A: Sometimes the message we get is that a single-payer system run by the federal government is going to fix all of our health care problems. People won’t have to worry about copays anymore, and it’s a done deal. But as with any sweeping health reform, it’s not that simple. Our show isn’t satisfied with the easy answer — we think it’s important to ask the trickier, messier follow-up questions too. If Medicare for All drives down prices and simplifies the administrative bureaucracy, what economic impact does that have on communities where hospitals are the largest employers? If care is suddenly free and more people want to access it, is our system ready to meet that new demand? Would it become more difficult to get an appointment? We are trying to pair these complex concepts with great storytelling to give people the tools to fairly and clearly evaluate the tradeoffs of various policy proposals.

Q: Why did you choose to do a podcast as opposed to other forms of media?

A: I’ve been a public radio reporter for about 20 years, and I love audio journalism because there’s something powerful about hearing other people’s voices. But it’s hard to tell these complicated health care stories in short amounts of time. Podcasts give you room and space to do a 20- or 30-minute story. Podcasts also create an intimacy with listeners and allow people to get lost in stories in a way that helps them remember what they heard.

In one episode about high-deductible health insurance plans, we follow a man with chest pain who thinks he’s having a heart attack. He’s in a high-deductible plan and is worried about spending the money to go to the hospital. We hear what’s happening to him in real time and discuss what the evidence says about whether people are healthier with these high-deductible plans and how these plans are affecting employers. We’ll also talk about where the evidence stops. If we acknowledge that edge of evidence, then we can highlight the important questions for our country to figure out.

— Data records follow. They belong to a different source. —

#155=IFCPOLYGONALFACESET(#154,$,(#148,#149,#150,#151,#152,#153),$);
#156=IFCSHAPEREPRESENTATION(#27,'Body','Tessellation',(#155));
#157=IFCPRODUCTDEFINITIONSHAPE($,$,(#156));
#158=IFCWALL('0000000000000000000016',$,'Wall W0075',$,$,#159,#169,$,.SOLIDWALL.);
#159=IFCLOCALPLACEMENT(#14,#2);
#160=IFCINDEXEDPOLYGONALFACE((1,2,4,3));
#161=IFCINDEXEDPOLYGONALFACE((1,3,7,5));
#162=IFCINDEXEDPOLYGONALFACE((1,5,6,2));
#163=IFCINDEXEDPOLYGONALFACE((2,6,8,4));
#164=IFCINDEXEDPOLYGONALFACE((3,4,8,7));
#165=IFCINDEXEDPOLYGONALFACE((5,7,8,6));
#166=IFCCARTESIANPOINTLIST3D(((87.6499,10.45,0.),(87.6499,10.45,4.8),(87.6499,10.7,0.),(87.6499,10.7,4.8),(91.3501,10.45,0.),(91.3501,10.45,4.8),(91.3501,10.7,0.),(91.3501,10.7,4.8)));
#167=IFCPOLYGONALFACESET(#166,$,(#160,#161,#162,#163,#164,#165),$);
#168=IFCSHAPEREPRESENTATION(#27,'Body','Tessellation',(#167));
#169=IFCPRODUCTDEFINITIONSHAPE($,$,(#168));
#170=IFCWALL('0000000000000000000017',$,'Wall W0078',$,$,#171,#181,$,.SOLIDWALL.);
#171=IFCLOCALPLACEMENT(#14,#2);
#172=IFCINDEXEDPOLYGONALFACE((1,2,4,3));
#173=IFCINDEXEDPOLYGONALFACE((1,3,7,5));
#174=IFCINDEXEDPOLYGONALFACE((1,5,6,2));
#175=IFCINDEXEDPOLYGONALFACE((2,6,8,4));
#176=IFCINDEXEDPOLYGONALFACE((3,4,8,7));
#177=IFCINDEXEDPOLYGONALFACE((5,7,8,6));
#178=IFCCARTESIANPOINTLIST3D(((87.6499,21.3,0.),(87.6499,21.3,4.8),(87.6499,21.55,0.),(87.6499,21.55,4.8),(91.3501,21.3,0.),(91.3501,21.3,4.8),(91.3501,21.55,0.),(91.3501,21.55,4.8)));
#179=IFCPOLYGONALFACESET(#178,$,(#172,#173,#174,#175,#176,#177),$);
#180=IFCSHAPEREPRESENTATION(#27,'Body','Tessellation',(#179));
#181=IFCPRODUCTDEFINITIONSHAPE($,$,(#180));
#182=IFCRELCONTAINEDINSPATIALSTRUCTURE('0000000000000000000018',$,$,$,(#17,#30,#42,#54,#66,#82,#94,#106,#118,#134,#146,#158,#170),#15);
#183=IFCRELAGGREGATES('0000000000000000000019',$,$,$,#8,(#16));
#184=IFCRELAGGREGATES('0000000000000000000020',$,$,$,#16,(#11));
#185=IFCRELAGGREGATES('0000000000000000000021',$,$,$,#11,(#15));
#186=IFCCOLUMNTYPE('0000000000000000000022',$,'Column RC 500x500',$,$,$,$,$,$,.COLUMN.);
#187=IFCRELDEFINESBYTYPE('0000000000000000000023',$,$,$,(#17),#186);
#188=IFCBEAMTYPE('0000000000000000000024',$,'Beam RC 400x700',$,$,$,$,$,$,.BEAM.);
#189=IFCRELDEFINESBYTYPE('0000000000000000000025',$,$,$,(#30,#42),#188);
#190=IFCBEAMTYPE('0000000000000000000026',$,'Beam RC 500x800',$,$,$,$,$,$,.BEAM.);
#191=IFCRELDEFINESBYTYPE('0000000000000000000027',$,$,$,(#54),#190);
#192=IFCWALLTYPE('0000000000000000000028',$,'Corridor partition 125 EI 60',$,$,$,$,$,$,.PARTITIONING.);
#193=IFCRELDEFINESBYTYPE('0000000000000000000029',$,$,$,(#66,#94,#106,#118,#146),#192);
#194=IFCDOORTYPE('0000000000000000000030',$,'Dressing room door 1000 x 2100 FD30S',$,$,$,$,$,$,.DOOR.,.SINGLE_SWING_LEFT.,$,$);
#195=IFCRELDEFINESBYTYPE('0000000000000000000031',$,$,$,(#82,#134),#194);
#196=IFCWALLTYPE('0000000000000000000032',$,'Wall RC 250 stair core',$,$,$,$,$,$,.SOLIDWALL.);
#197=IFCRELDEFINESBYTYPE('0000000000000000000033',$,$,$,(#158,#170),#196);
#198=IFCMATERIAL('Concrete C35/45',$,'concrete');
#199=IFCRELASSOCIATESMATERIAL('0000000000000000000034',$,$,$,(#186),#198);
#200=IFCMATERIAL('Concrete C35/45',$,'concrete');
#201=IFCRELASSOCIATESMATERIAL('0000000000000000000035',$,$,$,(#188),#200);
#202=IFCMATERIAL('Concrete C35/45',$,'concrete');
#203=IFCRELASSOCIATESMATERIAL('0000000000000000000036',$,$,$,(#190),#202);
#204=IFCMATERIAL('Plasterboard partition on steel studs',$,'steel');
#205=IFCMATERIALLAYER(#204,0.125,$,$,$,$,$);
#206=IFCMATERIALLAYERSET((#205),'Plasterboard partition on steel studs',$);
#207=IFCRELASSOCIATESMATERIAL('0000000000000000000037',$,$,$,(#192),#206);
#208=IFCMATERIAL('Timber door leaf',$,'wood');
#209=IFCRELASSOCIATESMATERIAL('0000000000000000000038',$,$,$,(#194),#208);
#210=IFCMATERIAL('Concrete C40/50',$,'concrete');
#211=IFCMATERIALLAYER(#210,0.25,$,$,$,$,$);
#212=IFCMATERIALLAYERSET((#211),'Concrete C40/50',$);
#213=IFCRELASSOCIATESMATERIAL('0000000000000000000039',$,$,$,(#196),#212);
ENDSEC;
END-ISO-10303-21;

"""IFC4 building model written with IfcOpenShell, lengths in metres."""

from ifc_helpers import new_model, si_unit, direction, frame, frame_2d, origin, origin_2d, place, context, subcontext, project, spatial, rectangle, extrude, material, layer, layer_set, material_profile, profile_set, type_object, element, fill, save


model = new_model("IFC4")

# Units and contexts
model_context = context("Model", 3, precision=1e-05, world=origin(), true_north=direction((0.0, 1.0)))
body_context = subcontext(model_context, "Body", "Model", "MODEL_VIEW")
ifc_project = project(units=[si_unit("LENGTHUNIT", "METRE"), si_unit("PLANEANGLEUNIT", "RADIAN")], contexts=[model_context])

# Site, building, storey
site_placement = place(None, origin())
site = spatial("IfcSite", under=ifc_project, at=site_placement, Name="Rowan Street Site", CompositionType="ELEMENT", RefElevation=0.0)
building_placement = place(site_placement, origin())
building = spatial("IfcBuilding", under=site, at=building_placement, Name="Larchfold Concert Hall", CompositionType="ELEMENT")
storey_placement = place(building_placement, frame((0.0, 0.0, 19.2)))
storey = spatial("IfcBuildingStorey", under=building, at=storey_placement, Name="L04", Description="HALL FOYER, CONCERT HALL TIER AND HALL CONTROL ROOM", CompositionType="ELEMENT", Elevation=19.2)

Q: Who is the target audience for the show?

A: I think we will have two groups of listeners. One is the doctors, nurses, other clinicians, industry executives, policymakers, and academic researchers who are intimately involved in health care. They see our system’s failings up close and spend a lot of time and energy trying to individually improve it. The other group of listeners will be what I call “the curious class.” They may listen to public radio and read the Wall Street Journal, New York Times, or Washington Post. They are likely to pay close attention to the 2020 presidential race. They have likely had personal encounters with the frustrations and inequities of our health care system. They want to better understand how our system got so badly broken, and how we might actually fix it.

Q: How has learning about health care policies helped you?

A: When I started at Marketplace, I knew nothing about health policy. Becoming smarter about this topic through my work armed me with a capacity to think about complicated issues, both on a societal level and a personal level. Some of the reporting that I did around end-of-life care helped me, my father, my stepmother, and my family navigate my father’s three-and-a-half-year process of dying from amyotrophic lateral sclerosis (ALS). I did a better job being a son to my father in the last years of his life because of the things that I had learned. And I think that we all deserve the opportunity to have that. I want to be clear that we are a policy show, not a “news you can use” show. But if you can understand the economic motivations of hospitals, the trials and frustrations of doctors who are trying to provide care, how health insurance works and doesn’t work, even at a high-level policy perspective, these little footholds that Tradeoffs provides can help you feel a little less lost as you navigate the health care system.